SparseConnectivityTracer.TracerLocalSparsityDetectorType
TracerLocalSparsityDetector <: ADTypes.AbstractSparsityDetector

Singleton struct for integration with the sparsity detection framework of ADTypes.jl.

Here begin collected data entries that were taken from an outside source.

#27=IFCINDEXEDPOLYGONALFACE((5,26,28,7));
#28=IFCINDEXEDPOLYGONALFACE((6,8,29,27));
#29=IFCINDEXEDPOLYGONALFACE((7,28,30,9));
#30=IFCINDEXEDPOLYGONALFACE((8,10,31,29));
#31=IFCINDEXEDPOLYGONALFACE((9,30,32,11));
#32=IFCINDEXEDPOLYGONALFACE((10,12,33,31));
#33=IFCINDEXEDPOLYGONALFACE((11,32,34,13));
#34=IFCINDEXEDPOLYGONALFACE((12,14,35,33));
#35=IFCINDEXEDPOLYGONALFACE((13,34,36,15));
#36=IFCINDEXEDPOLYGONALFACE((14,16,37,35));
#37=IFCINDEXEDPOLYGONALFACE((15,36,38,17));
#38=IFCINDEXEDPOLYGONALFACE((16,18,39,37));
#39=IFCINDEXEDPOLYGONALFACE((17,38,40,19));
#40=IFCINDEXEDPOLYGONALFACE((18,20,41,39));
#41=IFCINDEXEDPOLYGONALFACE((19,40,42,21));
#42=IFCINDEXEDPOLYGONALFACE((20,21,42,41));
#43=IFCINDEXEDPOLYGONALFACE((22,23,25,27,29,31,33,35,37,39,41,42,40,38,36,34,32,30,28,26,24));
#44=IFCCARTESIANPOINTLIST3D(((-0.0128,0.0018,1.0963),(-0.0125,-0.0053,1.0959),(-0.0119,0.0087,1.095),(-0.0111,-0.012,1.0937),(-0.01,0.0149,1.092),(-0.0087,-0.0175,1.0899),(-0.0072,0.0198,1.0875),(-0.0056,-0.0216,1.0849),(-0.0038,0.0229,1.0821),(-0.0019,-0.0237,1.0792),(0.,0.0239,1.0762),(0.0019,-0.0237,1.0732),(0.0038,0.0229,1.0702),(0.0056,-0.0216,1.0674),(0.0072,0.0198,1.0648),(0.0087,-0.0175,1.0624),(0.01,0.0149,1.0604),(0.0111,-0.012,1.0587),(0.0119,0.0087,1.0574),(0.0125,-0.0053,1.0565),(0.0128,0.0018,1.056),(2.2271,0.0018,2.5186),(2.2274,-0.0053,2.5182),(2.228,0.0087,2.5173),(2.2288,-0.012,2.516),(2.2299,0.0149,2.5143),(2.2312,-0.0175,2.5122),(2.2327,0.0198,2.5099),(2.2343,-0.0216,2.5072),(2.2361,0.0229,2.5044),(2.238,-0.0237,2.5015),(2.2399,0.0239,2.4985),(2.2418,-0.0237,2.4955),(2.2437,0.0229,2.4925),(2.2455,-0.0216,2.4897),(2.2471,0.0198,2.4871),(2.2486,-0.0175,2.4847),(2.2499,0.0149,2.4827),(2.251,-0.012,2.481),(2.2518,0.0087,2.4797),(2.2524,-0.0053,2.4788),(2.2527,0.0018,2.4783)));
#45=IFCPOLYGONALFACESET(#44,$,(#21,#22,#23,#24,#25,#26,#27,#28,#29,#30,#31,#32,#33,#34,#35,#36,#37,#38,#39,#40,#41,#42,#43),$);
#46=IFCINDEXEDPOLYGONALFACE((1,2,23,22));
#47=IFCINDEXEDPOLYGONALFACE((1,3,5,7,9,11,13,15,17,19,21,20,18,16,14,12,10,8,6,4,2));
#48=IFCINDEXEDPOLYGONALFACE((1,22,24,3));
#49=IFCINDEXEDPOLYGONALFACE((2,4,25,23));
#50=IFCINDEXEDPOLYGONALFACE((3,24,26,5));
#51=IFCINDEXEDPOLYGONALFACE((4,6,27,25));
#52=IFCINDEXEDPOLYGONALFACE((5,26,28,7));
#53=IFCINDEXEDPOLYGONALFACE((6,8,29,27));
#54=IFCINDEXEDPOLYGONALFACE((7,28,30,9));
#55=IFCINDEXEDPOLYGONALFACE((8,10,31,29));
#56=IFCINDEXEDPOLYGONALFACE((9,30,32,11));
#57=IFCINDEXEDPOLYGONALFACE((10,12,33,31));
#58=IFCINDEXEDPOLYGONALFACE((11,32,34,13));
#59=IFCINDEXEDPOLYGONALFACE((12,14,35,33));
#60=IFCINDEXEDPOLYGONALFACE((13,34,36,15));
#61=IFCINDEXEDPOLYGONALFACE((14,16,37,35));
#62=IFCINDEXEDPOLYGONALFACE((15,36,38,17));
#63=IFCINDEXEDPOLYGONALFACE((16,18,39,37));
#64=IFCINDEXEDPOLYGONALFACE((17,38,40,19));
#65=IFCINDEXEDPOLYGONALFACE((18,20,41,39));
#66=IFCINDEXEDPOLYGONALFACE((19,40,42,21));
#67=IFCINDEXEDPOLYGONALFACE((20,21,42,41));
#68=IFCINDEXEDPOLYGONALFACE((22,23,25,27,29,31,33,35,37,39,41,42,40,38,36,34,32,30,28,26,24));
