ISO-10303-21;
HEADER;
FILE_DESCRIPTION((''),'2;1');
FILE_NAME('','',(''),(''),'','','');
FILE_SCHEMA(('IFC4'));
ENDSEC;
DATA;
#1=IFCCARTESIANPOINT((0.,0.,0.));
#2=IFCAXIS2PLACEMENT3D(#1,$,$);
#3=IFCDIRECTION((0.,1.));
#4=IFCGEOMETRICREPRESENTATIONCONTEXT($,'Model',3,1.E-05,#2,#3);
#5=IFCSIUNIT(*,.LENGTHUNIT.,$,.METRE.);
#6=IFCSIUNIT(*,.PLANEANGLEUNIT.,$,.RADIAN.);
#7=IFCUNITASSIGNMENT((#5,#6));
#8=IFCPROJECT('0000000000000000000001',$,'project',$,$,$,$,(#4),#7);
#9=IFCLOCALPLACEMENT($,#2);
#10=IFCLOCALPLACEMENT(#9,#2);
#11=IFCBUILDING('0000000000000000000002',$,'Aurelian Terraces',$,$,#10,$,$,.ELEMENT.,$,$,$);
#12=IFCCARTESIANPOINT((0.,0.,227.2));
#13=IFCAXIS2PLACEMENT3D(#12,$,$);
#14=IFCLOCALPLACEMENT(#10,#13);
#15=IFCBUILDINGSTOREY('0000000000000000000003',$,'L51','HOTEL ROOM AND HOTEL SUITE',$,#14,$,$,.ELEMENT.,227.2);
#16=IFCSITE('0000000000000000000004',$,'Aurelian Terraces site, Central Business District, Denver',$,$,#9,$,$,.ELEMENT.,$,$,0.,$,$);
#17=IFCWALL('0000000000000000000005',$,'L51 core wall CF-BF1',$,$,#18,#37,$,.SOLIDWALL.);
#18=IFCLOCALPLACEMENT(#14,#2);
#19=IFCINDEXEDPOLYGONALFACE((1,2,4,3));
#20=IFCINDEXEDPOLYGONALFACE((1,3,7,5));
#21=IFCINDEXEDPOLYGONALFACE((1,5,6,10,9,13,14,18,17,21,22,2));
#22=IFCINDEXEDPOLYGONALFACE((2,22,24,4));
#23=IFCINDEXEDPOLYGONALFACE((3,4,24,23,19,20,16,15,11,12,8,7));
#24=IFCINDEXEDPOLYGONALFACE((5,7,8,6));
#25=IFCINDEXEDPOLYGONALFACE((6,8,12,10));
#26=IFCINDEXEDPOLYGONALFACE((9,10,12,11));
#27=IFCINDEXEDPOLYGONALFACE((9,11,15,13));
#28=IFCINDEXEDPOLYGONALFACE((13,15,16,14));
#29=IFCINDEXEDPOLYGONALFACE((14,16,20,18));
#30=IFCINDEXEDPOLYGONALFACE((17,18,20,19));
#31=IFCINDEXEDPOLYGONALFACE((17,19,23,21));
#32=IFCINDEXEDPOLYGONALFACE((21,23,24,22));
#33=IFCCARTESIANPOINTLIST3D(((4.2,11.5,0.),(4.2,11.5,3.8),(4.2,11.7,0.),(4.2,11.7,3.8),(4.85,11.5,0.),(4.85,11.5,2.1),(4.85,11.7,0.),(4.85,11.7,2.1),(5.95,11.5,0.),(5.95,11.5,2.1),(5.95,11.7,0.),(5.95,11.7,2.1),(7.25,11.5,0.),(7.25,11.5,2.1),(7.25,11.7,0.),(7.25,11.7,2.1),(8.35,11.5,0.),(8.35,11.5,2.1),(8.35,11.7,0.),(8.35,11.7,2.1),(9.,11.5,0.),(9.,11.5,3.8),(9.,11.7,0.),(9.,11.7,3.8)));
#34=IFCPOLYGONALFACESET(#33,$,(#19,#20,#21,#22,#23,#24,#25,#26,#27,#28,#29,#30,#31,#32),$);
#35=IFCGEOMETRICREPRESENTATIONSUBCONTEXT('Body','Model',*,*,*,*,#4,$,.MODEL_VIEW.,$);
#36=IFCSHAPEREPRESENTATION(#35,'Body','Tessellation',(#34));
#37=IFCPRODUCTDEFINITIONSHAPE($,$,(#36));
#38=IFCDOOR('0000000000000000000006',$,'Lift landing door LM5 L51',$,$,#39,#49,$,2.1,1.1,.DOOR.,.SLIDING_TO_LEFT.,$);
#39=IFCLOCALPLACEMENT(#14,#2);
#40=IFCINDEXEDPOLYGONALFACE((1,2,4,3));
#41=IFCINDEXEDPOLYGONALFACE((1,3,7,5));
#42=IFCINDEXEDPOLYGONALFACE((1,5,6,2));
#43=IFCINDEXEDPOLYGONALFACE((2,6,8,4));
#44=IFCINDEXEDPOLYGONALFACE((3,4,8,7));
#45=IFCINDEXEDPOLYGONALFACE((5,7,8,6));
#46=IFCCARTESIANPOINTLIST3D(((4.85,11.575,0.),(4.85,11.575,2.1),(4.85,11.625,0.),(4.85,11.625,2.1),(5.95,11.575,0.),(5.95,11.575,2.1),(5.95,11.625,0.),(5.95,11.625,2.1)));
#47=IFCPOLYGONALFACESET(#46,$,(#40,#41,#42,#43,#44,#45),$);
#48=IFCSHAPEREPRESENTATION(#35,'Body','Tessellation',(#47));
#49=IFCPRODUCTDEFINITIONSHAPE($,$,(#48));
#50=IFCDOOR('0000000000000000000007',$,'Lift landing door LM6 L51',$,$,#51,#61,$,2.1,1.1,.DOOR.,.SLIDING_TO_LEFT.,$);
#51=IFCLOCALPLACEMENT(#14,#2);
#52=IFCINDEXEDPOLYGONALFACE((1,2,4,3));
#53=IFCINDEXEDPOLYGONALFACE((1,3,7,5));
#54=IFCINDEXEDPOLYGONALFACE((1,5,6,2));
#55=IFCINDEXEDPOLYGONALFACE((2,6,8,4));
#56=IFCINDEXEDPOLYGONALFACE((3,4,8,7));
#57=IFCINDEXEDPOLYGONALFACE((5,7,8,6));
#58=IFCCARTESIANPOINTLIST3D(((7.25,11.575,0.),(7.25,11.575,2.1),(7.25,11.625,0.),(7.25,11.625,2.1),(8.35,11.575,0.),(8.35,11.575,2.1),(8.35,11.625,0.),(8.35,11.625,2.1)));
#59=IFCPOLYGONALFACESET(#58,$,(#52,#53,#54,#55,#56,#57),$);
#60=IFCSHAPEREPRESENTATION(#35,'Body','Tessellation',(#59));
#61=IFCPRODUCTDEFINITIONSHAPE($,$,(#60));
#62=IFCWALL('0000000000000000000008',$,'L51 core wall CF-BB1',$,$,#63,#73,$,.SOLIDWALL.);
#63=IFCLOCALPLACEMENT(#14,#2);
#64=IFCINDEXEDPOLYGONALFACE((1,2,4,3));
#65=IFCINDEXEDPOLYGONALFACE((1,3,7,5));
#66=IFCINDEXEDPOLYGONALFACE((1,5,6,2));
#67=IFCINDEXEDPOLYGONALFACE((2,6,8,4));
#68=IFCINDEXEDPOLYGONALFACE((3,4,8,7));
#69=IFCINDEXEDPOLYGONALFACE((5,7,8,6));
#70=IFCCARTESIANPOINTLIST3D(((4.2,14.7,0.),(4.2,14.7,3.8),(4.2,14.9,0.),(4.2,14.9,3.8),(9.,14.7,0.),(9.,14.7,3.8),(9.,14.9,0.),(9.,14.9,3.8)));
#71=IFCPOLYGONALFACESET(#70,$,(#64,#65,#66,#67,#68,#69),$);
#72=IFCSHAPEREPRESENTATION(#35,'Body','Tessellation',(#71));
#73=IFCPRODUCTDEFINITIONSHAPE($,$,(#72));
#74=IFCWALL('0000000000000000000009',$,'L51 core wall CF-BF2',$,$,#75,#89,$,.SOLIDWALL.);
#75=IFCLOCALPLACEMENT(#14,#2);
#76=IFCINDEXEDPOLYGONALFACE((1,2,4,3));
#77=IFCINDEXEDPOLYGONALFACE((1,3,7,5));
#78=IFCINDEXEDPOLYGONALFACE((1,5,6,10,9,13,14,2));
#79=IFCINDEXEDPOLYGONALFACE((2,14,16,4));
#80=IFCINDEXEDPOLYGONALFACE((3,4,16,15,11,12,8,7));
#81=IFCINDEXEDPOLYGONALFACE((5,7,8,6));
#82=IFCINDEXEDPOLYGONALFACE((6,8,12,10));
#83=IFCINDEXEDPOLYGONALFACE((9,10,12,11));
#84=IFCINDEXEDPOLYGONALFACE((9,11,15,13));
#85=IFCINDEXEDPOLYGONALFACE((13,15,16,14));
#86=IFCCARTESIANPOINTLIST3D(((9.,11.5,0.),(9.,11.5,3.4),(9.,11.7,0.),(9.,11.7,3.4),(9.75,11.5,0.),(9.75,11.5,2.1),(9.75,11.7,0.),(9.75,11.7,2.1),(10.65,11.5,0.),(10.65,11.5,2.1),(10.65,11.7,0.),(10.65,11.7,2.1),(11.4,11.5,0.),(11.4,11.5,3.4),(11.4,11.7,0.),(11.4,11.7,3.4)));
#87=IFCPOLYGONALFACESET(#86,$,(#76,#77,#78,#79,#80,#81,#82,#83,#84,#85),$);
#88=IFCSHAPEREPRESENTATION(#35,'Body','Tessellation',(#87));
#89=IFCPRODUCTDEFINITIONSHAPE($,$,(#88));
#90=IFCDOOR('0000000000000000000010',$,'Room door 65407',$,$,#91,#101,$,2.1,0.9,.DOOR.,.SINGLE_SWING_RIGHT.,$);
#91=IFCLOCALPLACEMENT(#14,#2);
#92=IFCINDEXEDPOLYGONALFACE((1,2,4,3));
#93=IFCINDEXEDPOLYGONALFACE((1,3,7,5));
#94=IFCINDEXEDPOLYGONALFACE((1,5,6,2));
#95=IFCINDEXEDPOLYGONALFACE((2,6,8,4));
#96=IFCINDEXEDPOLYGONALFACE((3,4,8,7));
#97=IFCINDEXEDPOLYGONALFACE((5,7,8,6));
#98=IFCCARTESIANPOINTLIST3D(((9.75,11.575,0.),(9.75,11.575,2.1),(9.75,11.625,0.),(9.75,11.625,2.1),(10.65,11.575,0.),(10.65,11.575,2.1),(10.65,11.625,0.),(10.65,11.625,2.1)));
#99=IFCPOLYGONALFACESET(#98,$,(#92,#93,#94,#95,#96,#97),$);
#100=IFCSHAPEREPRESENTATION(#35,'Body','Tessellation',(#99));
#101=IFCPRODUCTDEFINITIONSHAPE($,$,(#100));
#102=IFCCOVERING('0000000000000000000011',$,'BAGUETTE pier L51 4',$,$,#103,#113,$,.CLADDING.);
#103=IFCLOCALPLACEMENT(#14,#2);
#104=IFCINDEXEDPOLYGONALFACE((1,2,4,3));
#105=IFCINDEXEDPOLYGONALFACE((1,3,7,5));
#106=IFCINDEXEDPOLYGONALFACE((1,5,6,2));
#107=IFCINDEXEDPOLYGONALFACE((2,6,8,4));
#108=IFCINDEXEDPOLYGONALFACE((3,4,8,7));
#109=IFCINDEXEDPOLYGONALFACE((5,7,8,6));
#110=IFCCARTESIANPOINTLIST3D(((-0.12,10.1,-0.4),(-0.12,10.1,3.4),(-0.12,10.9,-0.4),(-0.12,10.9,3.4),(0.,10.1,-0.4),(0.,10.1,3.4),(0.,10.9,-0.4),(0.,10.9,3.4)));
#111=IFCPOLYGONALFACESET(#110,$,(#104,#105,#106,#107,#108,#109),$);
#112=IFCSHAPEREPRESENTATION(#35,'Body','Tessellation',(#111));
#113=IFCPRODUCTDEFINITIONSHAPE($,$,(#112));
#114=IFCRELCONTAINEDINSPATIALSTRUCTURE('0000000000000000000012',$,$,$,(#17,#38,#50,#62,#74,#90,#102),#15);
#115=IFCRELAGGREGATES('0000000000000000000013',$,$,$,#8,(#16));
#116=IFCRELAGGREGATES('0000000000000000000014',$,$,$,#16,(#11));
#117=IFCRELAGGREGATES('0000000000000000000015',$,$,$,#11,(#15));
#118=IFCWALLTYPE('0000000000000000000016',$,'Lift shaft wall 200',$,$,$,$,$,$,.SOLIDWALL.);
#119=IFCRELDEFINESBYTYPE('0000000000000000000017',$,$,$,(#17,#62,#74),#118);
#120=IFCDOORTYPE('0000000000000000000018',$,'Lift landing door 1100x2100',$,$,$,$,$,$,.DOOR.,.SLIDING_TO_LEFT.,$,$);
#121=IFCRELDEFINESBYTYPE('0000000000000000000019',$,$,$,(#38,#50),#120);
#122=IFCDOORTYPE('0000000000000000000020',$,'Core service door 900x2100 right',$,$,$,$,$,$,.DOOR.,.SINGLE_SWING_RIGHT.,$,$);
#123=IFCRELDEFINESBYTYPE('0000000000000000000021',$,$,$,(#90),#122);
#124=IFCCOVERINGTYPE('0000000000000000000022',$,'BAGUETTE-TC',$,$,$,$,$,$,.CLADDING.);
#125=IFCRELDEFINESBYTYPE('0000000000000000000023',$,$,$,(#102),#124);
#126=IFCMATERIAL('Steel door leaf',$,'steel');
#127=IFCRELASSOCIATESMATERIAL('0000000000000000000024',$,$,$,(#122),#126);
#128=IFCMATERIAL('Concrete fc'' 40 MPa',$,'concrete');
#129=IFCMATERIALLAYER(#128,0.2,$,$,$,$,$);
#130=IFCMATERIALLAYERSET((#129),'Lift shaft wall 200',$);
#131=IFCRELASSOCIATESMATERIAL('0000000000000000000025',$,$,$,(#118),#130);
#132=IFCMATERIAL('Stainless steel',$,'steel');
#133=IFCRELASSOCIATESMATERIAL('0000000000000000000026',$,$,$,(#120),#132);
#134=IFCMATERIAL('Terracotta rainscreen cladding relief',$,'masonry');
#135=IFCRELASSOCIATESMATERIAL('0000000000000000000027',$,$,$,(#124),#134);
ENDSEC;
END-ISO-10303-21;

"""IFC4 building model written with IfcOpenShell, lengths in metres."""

from ifc_helpers import new_model, si_unit, direction, frame, frame_2d, origin, origin_2d, place, context, subcontext, project, spatial, rectangle, extrude, source, transform, mapped, material, layer, layer_set, type_object, element, fill, save


model = new_model("IFC4")

# Units and contexts
model_context = context("Model", 3, precision=1e-05, world=origin(), true_north=direction((0.0, 1.0)))
body_context = subcontext(model_context, "Body", "Model", "MODEL_VIEW")
ifc_project = project(units=[si_unit("LENGTHUNIT", "METRE"), si_unit("PLANEANGLEUNIT", "RADIAN")], contexts=[model_context])

# Site, building, storey
site_placement = place(None, origin())
site = spatial("IfcSite", under=ifc_project, at=site_placement, Name="Aurelian Terraces site, Central Business District, Denver", CompositionType="ELEMENT", RefElevation=0.0)
building_placement = place(site_placement, origin())
building = spatial("IfcBuilding", under=site, at=building_placement, Name="Aurelian Terraces", CompositionType="ELEMENT")
storey_placement = place(building_placement, frame((0.0, 0.0, 227.2)))
storey = spatial("IfcBuildingStorey", under=building, at=storey_placement, Name="L51", Description="HOTEL ROOM AND HOTEL SUITE", CompositionType="ELEMENT", Elevation=227.2)

# Shared definitions
ifc_material_1 = material(Name="Concrete fc' 40 MPa", Category="concrete")

# Shared definitions
ifc_material_2 = material(Name="Steel door leaf", Category="steel")
door_type_1 = type_object("IfcDoorType", Name="Core service door 900x2100 right", OperationType="SINGLE_SWING_RIGHT", PredefinedType="DOOR", material=ifc_material_2)
shared_shape_1 = source(origin(), body_context, "Body", "SweptSolid", [
    extrude(rectangle(XDim=0.9, YDim=2.1, at=frame_2d((0.45, 1.05))), frame((0.0, 0.025, 0.0), z_axis=(0.0, -1.0, 0.0), x_axis=(1.0, 0.0, 0.0)), (0.0, 0.0, 1.0), 0.05),
])

# Shared definitions
ifc_layer_1 = layer(ifc_material_1, 0.2)
ifc_layer_set_1 = layer_set([ifc_layer_1], Name="Lift shaft wall 200")
wall_type_1 = type_object("IfcWallType", Name="Lift shaft wall 200", PredefinedType="SOLIDWALL", material=ifc_layer_set_1)

# Wall, openings, doors
shared_shape_2 = source(origin(), body_context, "Body", "SweptSolid", [
    extrude(rectangle(XDim=1.1, YDim=2.1, at=frame_2d((0.55, 1.05))), frame((0.0, 0.11, 0.0), z_axis=(0.0, -1.0, 0.0), x_axis=(1.0, 0.0, 0.0)), (0.0, 0.0, 1.0), 0.22),
])
ifc_material_3 = material(Name="Stainless steel", Category="steel")
door_type_2 = type_object("IfcDoorType", Name="Lift landing door 1100x2100", OperationType="SLIDING_TO_LEFT", PredefinedType="DOOR", material=ifc_material_3)
shared_shape_3 = source(origin(), body_context, "Body", "SweptSolid", [
    extrude(rectangle(XDim=1.1, YDim=2.1, at=frame_2d((0.55, 1.05))), frame((0.0, 0.025, 0.0), z_axis=(0.0, -1.0, 0.0), x_axis=(1.0, 0.0, 0.0)), (0.0, 0.0, 1.0), 0.05),
])
shared_shape_4 = source(origin(), body_context, "Body", "SweptSolid", [
    extrude(rectangle(XDim=4.8, YDim=0.2, at=frame_2d((2.4, 0.0))), origin(), (0.0, 0.0, 1.0), 3.8),
])
wall_1_placement = place(storey_placement, frame((4.2, 11.6, 0.0), z_axis=(0.0, 0.0, 1.0), x_axis=(1.0, 0.0, 0.0)))
wall_1 = element("IfcWall", 1, at=wall_1_placement, inside=storey, type_object=wall_type_1, Name="L51 core wall CF-BF1", PredefinedType="SOLIDWALL", context=body_context, shape_type="MappedRepresentation", body=[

Computes local sparsity patterns at an input point x. For global sparsity patterns, use TracerSparsityDetector.

Example

Local sparsity patterns are less convervative than global patterns and need to be recomputed for each input x:

julia> using SparseConnectivityTracer

julia> detector = TracerLocalSparsityDetector()
TracerLocalSparsityDetector()

julia> f(x) = x[1] * x[2]; # J_f = [x[2], x[1]]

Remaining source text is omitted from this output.